Again, I doubt the reporter is trying to stir up right wing nonsense. And a quick bout of googling shows that the anti-choicers out there have largely ignored this story. It’s more a combination of laziness, and the fact that this story fits a pre-existing cultural script about female sexuality. I wish I had Hanne Blank’s book here, because she describes the script perfectly, about how female sexuality is about pain and sacrifice. Anything unpleasant, from childbirth pains to medical treatments like this vaccine to the objectifications and humiliations for women in so much porn, gets put into a cultural narrative about how women’s very biology speaks to our rightful position in society as lesser to men, and how our sexuality is about pleasure and use for them, and pain and sacrifice for us.

To make it clear to those who confuse (often deliberately confuse) describing with inventing a cultural construct, I reject the notion that a woman’s natural role is to suffer and sacrifice, or that it’s inevitable. It’s not impossible to reimagine most of our feminine sacrifices in a way that doesn’t construct women as lesser than men.

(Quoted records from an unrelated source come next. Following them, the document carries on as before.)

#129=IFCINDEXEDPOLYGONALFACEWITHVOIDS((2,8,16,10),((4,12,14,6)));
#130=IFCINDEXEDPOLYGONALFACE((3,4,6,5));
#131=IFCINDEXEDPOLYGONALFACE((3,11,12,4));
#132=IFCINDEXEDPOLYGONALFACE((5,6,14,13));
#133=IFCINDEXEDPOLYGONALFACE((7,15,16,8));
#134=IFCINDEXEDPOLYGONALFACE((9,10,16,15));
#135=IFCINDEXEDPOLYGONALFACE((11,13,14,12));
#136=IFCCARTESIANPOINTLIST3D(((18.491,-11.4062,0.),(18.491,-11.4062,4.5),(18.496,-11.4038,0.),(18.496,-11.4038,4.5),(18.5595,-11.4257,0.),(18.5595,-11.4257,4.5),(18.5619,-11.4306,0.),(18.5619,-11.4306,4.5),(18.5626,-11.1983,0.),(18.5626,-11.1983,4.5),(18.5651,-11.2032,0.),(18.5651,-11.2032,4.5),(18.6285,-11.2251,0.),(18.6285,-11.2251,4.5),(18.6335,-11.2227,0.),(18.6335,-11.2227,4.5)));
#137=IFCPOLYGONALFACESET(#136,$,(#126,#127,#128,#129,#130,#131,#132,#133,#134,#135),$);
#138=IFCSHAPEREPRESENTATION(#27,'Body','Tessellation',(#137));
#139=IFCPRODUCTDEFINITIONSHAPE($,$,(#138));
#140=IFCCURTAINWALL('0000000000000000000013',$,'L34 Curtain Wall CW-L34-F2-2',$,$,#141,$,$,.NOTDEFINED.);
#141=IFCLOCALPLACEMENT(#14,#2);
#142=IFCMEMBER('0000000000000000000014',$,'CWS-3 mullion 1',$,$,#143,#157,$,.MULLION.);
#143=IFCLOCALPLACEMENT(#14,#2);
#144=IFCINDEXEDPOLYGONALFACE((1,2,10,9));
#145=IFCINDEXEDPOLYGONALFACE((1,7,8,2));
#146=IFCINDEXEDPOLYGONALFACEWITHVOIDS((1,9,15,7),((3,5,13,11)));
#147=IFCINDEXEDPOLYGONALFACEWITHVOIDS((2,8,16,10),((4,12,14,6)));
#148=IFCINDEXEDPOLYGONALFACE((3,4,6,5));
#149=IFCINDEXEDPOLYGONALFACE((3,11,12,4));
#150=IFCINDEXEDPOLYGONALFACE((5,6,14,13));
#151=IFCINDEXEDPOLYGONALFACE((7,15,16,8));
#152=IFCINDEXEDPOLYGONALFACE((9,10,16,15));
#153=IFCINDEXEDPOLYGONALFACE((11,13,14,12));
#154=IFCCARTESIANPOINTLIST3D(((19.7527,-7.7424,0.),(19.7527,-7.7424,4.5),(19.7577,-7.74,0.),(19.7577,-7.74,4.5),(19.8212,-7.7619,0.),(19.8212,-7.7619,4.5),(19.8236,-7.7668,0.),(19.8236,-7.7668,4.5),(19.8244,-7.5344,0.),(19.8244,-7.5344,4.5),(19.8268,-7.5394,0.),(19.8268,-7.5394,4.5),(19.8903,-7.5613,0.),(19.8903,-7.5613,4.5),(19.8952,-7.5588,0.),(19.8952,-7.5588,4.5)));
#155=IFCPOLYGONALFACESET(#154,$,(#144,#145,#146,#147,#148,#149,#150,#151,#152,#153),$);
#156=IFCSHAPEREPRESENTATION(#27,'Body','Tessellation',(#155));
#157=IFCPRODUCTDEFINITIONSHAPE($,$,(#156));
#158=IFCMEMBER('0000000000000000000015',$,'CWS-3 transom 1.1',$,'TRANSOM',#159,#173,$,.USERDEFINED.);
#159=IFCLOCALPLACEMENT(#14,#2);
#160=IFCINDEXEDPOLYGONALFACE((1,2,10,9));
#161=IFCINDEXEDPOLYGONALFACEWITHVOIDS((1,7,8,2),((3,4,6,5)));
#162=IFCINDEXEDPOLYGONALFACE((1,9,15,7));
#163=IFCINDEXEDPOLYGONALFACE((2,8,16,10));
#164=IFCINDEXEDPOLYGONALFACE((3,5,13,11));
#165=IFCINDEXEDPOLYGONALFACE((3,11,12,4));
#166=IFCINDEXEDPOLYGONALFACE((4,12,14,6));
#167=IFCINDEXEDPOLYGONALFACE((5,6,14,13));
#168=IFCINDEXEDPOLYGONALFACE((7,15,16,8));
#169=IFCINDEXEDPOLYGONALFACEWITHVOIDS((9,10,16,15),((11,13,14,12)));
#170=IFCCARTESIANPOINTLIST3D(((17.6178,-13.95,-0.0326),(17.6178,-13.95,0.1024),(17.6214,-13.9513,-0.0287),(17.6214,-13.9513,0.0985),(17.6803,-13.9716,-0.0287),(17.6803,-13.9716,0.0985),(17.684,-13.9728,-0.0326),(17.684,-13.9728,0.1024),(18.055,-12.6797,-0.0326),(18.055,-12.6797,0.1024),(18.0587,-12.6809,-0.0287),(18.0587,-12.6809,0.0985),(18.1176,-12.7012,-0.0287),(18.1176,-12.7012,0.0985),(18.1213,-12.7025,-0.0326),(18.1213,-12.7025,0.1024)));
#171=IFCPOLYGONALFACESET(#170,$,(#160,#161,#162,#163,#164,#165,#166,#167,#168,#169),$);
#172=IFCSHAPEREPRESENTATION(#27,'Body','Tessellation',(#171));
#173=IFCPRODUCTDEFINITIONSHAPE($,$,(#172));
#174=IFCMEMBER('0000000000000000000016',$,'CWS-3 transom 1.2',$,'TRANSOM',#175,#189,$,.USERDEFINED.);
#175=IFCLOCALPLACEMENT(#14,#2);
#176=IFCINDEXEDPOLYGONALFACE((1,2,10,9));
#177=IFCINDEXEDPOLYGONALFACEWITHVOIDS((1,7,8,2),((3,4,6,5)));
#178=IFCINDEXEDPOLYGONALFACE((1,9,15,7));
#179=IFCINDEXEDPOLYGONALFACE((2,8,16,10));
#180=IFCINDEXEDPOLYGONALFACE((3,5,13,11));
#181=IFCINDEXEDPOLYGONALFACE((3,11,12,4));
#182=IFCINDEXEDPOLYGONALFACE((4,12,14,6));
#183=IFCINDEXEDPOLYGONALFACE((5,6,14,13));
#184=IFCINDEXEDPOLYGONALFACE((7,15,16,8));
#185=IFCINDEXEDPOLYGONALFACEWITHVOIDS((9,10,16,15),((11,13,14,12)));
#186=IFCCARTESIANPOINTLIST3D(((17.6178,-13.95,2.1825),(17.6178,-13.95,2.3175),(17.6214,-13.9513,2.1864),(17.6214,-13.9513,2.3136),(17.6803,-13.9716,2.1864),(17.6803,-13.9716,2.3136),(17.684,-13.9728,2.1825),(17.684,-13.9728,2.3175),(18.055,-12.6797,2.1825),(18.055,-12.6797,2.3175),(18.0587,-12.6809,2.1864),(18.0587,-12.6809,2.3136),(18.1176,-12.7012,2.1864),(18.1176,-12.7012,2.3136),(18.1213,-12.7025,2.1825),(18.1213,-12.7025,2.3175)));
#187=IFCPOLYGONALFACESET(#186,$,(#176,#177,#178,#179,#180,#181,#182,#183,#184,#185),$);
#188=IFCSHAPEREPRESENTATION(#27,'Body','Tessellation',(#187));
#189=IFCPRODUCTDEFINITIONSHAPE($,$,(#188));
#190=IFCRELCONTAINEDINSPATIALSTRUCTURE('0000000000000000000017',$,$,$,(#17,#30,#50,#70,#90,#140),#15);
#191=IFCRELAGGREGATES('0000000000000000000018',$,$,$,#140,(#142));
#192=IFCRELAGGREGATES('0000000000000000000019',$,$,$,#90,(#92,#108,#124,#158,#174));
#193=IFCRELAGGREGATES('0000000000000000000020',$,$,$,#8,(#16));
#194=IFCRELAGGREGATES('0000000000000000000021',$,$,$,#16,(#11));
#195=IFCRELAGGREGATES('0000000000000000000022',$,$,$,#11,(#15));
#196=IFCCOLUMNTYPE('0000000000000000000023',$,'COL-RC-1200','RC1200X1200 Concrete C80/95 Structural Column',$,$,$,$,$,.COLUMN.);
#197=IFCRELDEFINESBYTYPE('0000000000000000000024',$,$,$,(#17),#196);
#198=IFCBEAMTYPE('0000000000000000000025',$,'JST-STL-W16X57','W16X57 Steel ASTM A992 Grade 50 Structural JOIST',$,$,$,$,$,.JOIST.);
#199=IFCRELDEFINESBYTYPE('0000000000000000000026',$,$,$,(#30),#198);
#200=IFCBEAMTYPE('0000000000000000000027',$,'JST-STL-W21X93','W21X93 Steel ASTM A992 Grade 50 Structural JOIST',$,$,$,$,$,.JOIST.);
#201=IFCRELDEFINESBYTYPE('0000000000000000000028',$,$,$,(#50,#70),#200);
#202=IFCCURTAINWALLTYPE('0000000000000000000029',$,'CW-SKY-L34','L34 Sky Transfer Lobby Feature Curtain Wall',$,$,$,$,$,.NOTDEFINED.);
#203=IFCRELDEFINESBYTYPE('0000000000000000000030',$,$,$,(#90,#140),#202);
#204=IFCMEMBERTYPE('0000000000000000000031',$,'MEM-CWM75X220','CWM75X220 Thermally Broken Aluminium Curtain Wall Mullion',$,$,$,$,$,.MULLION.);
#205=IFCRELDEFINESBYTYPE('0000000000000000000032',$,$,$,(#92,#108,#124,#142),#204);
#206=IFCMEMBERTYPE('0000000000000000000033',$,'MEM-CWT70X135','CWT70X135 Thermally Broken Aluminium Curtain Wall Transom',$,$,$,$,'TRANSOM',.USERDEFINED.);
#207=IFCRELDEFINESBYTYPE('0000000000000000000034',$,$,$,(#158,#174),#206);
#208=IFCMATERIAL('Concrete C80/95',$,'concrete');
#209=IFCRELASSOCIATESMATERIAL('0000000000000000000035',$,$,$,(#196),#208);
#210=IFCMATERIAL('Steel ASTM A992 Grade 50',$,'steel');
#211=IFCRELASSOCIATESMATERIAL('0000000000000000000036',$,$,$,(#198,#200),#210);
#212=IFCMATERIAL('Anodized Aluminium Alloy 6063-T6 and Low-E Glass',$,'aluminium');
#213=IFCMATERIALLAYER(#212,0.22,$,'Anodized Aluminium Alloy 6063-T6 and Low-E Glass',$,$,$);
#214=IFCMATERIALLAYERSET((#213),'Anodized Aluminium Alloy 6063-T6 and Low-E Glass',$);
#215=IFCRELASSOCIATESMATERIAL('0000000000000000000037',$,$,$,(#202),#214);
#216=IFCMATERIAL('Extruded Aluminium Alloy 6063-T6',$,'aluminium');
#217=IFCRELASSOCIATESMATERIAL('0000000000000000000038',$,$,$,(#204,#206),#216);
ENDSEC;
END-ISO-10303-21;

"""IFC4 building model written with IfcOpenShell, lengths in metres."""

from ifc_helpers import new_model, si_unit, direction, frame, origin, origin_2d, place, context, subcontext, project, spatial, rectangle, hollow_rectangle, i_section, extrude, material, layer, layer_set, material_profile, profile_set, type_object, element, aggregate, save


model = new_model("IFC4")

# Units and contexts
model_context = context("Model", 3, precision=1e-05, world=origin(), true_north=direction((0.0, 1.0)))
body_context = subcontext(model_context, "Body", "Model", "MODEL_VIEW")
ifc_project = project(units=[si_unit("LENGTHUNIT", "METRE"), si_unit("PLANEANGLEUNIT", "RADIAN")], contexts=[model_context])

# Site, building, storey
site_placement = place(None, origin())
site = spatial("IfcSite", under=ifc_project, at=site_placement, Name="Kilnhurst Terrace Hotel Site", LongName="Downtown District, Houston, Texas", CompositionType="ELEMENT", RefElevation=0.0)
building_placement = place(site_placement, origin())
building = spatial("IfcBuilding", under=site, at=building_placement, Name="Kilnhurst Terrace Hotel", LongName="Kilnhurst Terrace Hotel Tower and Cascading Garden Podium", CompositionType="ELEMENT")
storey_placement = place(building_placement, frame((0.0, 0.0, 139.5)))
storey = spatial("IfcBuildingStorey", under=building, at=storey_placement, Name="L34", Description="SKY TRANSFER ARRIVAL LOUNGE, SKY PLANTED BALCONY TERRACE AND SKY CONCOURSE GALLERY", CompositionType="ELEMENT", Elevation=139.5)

The HPV vaccine is not all that unique in terms of vaccines of the sort that even men get, for instance, and imagining it that way gets it out of the realm of feminine suffering and into the realm of normal medical prevention.


183 Responses to “This prick will make a woman out of you”  

  1. I’ve been getting my hepatitis shots over the past year (I get every shot recommended by my doctor), and yeah, they hurt when you get them. The injection site hurts for a day or so after, and then it’s fine. That’s been my experience with flu shots and indeed every vaccine I’ve ever received. The only surprise would have been if the HPV vaccine didn’t have those symptoms. Then it would have been a vaccine worth studying to figure out why it felt so good.


  2. Ms. Kate

    This asshat was apparently born after smallpox was eradicated.

    Seriously.

    Like many people born in my generation, the last to be so tortured, I bear the blackberryish scar of that damn painful “shot”. Smallpox vax didin’t involve just one needle but multiple needles, and there was often some scraping involved.

    HPV? Too painful? Puhleeze. Try childbirth. Maybe the writer will someday develop some painful cancer to compare it by.


  3. Ms. Kate

    From the CDC Fact Sheet:

    The smallpox vaccine is not given with a hypodermic needle. It is not a shot as most people have experienced. The vaccine is given using a bifurcated (two-pronged) needle that is dipped into the vaccine solution. When removed, the needle retains a droplet of the vaccine. The needle is used to prick the skin a number of times in a few seconds.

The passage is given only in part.